Will Robber Bees Kill the Queen? How to Stop It

Robber bees don’t typically seek out and kill the queen directly, but robbing events can lead to her death in several ways. The queen may be killed by her own workers through a stress response called “balling,” or she may perish along with the rest of the colony when its honey stores are completely depleted. Either way, a serious robbing event puts the queen’s life at real risk.

How Robbing Can Kill a Queen

During a robbing attack, the hive fills with unfamiliar bees carrying foreign pheromones. This flood of alien scent can trigger a defensive behavior called “balling,” where worker bees cluster tightly around the queen in a suffocating mass. Balling usually results in the queen’s death, though researchers still aren’t entirely sure whether the workers are trying to kill a queen they suddenly perceive as foreign or trying to protect her from a perceived rival. The chaos of robbing, with its mix of foreign and resident pheromones, can essentially trick the colony’s own workers into treating their queen as an intruder.

Even workers standing near the ball can get caught up in it. Bees too closely associated with the balled queen’s pheromones sometimes become targets of secondary balling themselves, with a worker bee at the center instead of the queen.

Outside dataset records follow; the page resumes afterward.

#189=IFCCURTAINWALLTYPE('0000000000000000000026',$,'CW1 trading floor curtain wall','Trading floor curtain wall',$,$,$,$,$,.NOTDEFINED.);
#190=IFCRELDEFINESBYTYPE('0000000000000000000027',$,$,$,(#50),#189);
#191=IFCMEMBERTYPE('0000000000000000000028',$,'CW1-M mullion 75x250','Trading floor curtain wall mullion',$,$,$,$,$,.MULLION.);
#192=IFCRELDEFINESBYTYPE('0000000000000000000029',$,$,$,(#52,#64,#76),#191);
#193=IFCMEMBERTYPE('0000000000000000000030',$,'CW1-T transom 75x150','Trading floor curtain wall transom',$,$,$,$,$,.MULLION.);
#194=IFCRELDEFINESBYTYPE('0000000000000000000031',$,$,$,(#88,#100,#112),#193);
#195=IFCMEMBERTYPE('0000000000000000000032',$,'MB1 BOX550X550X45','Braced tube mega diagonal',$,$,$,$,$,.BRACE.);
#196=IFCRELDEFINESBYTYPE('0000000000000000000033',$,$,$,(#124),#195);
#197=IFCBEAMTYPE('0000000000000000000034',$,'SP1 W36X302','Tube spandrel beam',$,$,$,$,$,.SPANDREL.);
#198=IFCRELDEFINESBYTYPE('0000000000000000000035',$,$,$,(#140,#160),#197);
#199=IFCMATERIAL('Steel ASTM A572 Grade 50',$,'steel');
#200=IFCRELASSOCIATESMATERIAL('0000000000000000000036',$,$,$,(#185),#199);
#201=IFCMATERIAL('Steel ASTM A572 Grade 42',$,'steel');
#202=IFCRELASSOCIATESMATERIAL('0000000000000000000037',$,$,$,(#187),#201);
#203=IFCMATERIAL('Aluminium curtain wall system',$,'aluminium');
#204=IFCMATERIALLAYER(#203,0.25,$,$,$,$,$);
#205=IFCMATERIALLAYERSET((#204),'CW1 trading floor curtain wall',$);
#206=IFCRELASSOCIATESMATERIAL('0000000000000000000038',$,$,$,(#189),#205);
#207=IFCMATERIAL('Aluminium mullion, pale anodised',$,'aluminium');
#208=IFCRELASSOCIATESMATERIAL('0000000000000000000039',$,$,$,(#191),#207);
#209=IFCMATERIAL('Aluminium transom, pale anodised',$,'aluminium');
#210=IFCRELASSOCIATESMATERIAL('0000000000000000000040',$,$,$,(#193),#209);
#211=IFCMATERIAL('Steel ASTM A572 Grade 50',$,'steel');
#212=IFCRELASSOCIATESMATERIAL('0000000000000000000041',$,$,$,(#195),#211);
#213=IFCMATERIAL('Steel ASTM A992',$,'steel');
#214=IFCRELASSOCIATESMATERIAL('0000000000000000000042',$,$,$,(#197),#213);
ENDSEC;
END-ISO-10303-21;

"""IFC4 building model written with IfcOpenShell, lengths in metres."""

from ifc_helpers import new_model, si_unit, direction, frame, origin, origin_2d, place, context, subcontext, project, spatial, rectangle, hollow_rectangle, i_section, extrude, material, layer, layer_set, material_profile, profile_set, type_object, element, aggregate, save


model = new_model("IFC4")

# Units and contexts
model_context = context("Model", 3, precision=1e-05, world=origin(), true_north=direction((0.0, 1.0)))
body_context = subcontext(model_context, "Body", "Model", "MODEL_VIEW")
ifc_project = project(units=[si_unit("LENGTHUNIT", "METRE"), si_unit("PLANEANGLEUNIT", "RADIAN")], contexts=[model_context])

If the queen survives the immediate attack, she still faces the aftermath. Robber bees will continue raiding a colony until its stores are totally depleted, sometimes stripping every drop of honey in a matter of hours or days. A colony left with no food heading into fall or winter will starve, queen included. Even if the colony doesn’t starve outright, the stress and population loss from a major robbing event can leave it too weak to recover.

What Robbing Looks Like

Robbing often starts as an alarming flurry of activity at the hive entrance that can be mistaken for a large orientation flight. The differences become clear if you watch closely. Orientation flights happen in the afternoon, last only 20 to 30 minutes, and have a buoyant, almost playful quality as young bees learn to fly. Robbing has a grim, menacing feel. The attacking bees dart around erratically, looking for an opening to slip inside, and the activity continues until dark, then starts again at first light.

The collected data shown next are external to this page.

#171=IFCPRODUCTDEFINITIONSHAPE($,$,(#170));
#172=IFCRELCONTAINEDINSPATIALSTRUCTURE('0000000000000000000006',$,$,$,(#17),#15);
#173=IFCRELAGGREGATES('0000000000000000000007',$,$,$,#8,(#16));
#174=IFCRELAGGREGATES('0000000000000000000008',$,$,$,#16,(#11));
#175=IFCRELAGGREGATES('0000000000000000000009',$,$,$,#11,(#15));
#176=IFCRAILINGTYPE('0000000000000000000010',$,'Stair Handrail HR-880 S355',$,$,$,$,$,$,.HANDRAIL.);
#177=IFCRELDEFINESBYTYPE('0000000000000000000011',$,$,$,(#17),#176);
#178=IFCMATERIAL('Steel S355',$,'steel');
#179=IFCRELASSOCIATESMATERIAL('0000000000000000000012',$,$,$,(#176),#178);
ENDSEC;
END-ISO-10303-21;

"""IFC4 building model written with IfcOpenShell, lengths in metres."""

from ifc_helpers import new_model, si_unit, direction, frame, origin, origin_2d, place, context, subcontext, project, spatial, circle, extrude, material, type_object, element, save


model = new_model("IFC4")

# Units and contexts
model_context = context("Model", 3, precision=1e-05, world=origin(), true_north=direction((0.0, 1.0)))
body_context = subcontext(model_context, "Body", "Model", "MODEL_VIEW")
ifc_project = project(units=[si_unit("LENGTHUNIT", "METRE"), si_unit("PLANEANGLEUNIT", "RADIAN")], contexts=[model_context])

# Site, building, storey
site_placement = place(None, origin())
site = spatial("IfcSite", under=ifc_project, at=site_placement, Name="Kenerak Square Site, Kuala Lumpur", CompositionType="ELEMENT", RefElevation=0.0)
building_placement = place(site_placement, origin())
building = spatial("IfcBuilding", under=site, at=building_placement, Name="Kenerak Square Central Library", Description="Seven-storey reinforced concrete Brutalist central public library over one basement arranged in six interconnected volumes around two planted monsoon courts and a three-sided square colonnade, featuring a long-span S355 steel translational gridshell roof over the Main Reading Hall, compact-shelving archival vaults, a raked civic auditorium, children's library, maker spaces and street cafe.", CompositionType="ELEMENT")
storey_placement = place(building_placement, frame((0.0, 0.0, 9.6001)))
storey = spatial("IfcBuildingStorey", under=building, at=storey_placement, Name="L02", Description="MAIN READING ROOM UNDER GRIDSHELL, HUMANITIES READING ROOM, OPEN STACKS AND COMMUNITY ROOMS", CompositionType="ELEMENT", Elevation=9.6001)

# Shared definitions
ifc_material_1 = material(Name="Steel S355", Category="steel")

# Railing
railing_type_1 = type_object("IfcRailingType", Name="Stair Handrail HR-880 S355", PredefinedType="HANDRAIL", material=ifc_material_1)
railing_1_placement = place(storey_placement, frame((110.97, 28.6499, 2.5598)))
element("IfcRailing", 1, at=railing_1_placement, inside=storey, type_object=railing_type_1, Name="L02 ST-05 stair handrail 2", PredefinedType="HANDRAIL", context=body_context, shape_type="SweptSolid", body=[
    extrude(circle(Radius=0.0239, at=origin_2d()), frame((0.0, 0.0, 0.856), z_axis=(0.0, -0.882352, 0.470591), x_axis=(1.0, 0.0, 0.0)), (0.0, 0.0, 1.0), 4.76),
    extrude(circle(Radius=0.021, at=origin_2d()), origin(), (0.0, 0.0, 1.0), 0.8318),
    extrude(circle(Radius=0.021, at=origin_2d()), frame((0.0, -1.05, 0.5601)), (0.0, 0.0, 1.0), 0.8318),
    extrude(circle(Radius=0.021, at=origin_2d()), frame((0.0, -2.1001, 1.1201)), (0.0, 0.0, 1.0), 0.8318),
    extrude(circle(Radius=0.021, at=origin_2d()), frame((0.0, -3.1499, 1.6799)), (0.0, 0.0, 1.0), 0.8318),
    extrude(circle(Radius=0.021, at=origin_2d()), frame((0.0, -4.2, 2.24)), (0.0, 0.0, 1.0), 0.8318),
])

The clearest sign is fighting. You’ll see pairs or groups of bees grappling on the landing board, rolling around and trying to sting each other. These locked-together bees are hard to pull apart. Inside the hive, robbing leaves physical evidence: large, ragged-edged crumbs of wax cappings torn away during the theft. This is different from normal honey use, which produces only tiny holes that bees quickly repair.

What Triggers Robbing

Robbing is driven by scarcity. When natural nectar sources dry up, strong colonies become more aggressive about defending and expanding their resources. In many regions, summer nectar flows drop off by midsummer, creating a dearth period that can last weeks. During these gaps, strong colonies turn their attention to weaker neighbors.

Beekeeping practices can make things worse. Open feeding, where syrup is placed in an open container for all colonies to access, creates a feeding frenzy that shifts the behavior of the entire apiary. Bees from stronger, more aggressive colonies dominate the feeder. Once the external syrup runs out, those frenzied bees often turn on neighboring hives. This can lead to total collapse of weaker colonies that simply can’t defend against the overwhelming numbers. Leaving a hive open too long during inspections, spilling sugar syrup near hives, or having cracked equipment that leaks honey scent can all invite trouble.

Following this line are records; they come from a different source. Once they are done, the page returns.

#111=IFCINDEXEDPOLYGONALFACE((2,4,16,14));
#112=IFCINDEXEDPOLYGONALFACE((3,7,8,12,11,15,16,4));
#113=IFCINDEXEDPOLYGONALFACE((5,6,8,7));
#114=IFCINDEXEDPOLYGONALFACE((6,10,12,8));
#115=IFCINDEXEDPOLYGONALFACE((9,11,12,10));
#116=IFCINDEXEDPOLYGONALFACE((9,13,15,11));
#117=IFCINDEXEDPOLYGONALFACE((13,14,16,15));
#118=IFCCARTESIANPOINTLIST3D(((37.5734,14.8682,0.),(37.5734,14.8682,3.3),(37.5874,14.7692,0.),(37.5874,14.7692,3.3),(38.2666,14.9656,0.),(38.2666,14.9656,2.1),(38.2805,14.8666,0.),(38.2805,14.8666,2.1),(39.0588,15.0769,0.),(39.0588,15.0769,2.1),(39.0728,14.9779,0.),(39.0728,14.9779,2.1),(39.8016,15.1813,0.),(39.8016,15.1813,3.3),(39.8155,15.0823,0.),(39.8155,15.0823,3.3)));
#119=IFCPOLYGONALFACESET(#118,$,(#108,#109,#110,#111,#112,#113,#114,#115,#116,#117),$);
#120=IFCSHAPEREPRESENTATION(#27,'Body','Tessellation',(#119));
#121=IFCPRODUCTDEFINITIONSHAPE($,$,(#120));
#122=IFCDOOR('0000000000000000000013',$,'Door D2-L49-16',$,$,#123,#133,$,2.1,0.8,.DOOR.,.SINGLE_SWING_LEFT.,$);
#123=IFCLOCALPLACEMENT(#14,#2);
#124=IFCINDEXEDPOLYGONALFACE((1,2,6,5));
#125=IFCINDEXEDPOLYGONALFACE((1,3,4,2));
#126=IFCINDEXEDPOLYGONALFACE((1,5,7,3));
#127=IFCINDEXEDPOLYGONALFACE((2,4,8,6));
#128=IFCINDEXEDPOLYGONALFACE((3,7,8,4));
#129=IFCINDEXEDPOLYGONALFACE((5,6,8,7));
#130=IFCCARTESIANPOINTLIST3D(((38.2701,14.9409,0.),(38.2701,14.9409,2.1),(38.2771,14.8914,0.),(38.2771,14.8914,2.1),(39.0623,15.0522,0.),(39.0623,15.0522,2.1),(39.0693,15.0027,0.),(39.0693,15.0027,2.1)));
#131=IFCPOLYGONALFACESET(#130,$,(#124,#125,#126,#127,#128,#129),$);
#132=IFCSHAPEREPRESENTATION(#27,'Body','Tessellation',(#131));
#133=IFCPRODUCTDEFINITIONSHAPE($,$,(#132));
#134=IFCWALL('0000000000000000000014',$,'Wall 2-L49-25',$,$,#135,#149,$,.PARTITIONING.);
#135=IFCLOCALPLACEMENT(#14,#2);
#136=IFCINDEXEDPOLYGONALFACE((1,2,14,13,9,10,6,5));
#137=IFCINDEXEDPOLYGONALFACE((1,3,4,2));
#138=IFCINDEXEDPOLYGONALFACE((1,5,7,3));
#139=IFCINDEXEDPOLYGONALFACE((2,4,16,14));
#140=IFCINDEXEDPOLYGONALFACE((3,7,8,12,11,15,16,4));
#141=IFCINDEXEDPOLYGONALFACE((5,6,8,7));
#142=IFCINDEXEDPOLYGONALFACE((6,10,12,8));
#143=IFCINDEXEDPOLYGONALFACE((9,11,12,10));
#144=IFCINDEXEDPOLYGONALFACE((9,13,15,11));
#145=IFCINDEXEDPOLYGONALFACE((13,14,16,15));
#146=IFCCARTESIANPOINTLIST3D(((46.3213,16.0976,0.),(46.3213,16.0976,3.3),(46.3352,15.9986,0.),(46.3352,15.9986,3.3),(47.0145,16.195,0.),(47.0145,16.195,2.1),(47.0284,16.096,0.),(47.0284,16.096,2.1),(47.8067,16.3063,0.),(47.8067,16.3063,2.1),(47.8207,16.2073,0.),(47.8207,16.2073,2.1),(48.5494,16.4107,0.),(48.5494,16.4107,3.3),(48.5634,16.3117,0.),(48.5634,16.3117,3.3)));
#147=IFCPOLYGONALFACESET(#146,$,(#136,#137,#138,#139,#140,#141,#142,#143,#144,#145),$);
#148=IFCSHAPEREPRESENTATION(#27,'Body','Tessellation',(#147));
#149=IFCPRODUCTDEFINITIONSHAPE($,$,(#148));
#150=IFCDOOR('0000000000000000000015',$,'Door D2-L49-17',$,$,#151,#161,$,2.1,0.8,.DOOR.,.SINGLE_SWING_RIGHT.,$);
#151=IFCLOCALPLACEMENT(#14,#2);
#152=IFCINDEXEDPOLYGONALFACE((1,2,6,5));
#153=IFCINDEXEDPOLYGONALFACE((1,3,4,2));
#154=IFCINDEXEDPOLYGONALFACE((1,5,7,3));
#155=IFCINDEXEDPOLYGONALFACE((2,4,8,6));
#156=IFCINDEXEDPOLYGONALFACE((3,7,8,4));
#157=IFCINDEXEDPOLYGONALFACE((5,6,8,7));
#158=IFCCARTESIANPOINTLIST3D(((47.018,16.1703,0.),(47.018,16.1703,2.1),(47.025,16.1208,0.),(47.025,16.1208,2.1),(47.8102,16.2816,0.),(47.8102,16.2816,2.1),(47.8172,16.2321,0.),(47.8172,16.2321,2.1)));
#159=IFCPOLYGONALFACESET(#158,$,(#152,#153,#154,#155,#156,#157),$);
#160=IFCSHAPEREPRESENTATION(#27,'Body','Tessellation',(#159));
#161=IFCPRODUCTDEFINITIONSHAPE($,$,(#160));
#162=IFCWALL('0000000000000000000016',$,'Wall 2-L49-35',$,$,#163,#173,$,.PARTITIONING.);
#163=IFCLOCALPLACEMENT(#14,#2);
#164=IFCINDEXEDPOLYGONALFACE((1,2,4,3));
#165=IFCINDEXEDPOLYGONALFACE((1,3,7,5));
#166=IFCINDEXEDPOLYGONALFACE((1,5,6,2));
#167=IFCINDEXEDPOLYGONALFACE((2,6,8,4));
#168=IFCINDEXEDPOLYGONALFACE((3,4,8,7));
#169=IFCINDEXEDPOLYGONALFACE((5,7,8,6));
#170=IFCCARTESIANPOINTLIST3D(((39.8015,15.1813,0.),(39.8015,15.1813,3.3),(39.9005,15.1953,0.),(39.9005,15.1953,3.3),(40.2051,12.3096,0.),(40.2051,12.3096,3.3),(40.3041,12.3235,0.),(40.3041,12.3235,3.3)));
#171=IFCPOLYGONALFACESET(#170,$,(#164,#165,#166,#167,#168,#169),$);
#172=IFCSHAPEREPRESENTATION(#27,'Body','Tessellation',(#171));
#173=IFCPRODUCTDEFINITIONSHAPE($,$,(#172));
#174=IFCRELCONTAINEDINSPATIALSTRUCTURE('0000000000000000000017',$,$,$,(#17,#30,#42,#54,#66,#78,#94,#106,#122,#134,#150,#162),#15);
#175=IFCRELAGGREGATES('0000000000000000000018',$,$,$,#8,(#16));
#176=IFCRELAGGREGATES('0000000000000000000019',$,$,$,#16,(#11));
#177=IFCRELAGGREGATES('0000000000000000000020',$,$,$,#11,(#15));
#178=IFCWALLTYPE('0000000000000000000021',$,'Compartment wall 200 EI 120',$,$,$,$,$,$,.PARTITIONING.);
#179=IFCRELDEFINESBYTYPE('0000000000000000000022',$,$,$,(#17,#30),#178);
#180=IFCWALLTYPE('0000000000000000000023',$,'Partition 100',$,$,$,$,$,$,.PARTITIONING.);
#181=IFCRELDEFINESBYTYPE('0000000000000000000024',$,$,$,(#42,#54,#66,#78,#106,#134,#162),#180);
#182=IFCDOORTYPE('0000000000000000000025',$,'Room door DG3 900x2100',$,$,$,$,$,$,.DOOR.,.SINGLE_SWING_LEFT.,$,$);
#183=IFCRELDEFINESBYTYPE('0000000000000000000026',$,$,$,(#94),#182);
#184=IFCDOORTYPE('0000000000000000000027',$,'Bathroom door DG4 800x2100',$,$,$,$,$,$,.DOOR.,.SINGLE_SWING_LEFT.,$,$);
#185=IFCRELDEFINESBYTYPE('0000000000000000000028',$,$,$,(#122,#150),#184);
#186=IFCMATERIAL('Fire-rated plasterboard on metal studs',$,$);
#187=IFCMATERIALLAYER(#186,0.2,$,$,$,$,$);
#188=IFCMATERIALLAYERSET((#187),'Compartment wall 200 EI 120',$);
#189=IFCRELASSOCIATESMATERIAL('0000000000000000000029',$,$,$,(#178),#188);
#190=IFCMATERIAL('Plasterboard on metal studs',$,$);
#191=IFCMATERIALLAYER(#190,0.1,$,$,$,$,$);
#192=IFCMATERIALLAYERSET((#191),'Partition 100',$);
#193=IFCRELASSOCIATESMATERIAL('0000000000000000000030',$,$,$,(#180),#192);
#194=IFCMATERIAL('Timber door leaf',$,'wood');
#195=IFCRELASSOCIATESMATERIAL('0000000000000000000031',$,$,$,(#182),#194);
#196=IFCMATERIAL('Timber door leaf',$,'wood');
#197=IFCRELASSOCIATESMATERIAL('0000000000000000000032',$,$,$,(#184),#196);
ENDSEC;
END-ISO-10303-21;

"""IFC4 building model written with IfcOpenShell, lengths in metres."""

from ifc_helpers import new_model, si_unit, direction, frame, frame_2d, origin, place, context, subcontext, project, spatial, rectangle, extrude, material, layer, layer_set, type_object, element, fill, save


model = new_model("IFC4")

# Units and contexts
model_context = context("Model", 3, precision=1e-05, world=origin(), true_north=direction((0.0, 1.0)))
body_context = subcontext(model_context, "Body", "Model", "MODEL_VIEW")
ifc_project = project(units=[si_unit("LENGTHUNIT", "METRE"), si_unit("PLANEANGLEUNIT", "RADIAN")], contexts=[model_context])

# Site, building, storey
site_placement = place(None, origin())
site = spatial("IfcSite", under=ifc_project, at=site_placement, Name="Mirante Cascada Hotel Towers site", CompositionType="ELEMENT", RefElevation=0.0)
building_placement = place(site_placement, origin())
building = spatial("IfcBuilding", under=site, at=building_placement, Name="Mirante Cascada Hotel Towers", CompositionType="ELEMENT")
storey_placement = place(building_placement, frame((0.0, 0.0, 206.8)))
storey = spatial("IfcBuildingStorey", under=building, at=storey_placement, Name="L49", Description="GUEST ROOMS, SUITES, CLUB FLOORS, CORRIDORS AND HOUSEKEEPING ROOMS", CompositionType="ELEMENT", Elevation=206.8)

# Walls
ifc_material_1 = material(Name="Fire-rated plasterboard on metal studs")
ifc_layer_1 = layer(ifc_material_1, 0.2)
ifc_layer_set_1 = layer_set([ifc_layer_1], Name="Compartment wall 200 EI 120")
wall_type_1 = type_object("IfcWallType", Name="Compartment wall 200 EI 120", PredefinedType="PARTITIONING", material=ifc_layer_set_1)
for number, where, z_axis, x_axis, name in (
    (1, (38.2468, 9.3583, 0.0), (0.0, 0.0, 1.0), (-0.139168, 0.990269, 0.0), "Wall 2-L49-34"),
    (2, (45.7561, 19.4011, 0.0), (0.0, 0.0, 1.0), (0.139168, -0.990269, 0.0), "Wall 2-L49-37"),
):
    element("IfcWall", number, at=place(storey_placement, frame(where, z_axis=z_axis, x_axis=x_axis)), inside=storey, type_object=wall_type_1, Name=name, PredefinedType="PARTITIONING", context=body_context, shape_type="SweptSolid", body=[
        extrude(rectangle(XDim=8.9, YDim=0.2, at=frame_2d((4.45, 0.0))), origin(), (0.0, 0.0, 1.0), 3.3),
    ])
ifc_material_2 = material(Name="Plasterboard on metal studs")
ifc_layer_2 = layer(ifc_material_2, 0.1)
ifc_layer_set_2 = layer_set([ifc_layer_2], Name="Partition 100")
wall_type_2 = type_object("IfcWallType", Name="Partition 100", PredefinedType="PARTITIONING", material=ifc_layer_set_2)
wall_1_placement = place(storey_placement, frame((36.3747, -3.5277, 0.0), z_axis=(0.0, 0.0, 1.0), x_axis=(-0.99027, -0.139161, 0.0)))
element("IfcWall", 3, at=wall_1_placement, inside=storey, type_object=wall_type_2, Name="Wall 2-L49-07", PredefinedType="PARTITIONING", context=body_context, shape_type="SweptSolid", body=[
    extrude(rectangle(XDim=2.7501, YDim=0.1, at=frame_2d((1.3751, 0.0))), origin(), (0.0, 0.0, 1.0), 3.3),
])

How to Stop an Active Robbing Attack

If you spot robbing in progress, act quickly. Use your smoker to temporarily scatter the robbing bees while you work. Close off any extra entrances and reduce the main entrance to an opening just wide enough for a single bee to pass through. Stuffing gaps with grass or covering them with mesh keeps airflow going while blocking entry points. If you have an entrance reducer, this is the time to set it to its smallest opening.

The most effective next step is draping a wet towel or sheet over the entire hive. This masks the honey scent that’s drawing robbers in, while your resident bees can still navigate in and out from underneath. Keep the hive covered for two to three days, rewetting the cloth as it dries. In a small apiary, placing a sprinkler near the targeted hive can also disrupt robbing behavior.

Preventing Robbing Before It Starts

The best defense is making sure your colonies aren’t easy targets. Keep entrances reduced on weaker hives during nectar dearth periods, which in most temperate climates means mid to late summer and early fall. Avoid open feeding entirely if colony security is your priority. Instead, use internal or entrance feeders that only the resident colony can access. Keep inspections brief during dearth periods, and clean up any spilled syrup or exposed comb immediately.

Equalizing colony strength across your apiary also helps. A hive with a large, healthy population can defend its entrance effectively. Small colonies, nucs, or hives that have recently lost their queen are the most vulnerable targets. Positioning weaker hives farther from strong ones and keeping equipment in good repair so no honey scent leaks out reduces the chance that robbing starts in the first place.